SRM, or standard reference method, is a more recent method, which measures the absorption of a substance using a spectrophotometer. The SRM was developed as an answer to the inaccuracies found in implementation of the Lovibond Scale.

The variance in measuring the color in °L has led different beer experts to develop different methods for converting between the two. They are as follows:

Morey's Formula
SRM = 1.4922 * (W * L / V) ^ .6859

Daniels' Formula
SRM = (.2 * W * L / V) + 8.4

Mosher's Formula
SRM = (.3 * W * L / V) + 4.7

where W = weight of malt (in lbs.) L = color of malt (in °L) V = volume of wort (in gal.)

Morey's formula gives a better approximation than the others, since it is a nonlinear conversion. However, if you want simpler math, both Mosher and Daniels' methods are good approximations.

Beer color is usually measured in SRM. Malts are often given in °L. In practicality, the discrepancy makes sense.
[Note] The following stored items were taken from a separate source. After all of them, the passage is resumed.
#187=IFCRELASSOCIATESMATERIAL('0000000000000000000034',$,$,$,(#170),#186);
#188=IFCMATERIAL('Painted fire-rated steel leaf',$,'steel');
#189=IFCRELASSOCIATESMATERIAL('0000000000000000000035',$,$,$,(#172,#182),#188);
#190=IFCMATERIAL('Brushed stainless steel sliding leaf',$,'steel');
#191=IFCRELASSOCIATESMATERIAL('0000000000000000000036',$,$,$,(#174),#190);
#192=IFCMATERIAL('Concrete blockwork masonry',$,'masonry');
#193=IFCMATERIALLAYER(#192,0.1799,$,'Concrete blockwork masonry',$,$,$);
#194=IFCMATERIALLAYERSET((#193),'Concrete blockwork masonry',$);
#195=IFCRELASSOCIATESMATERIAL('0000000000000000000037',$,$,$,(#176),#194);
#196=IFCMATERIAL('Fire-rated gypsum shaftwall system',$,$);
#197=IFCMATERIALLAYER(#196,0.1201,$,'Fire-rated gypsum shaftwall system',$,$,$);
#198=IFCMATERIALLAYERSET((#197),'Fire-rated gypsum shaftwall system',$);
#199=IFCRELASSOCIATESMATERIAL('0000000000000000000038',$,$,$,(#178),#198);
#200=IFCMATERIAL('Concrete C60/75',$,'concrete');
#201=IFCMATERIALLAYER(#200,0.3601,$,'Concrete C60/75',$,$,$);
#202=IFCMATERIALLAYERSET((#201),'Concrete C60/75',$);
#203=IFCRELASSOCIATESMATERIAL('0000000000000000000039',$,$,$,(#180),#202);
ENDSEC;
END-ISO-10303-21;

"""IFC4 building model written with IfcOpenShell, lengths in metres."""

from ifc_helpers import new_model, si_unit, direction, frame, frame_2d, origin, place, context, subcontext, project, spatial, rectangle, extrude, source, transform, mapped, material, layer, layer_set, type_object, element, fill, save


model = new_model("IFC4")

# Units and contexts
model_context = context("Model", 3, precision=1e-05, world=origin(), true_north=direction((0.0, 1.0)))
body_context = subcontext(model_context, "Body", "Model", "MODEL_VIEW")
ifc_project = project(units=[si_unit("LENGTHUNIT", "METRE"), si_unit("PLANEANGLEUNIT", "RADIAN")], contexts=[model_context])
I've never seen the inner workings at a maltster, but I imagine color is determined by holding a sample of grain next to a color palette and estimating it's darkness by comparison. On the other hand, if someone wanted to know the darkness of beer, it wouldn't be difficult to run a specimen through a spectrophotometer, and measure it's absorbency at 430 nm. It wouldn't be possible to run the malts through a spectrophotometer to find the SRM value, so °L is given instead, and human error is deemed acceptable.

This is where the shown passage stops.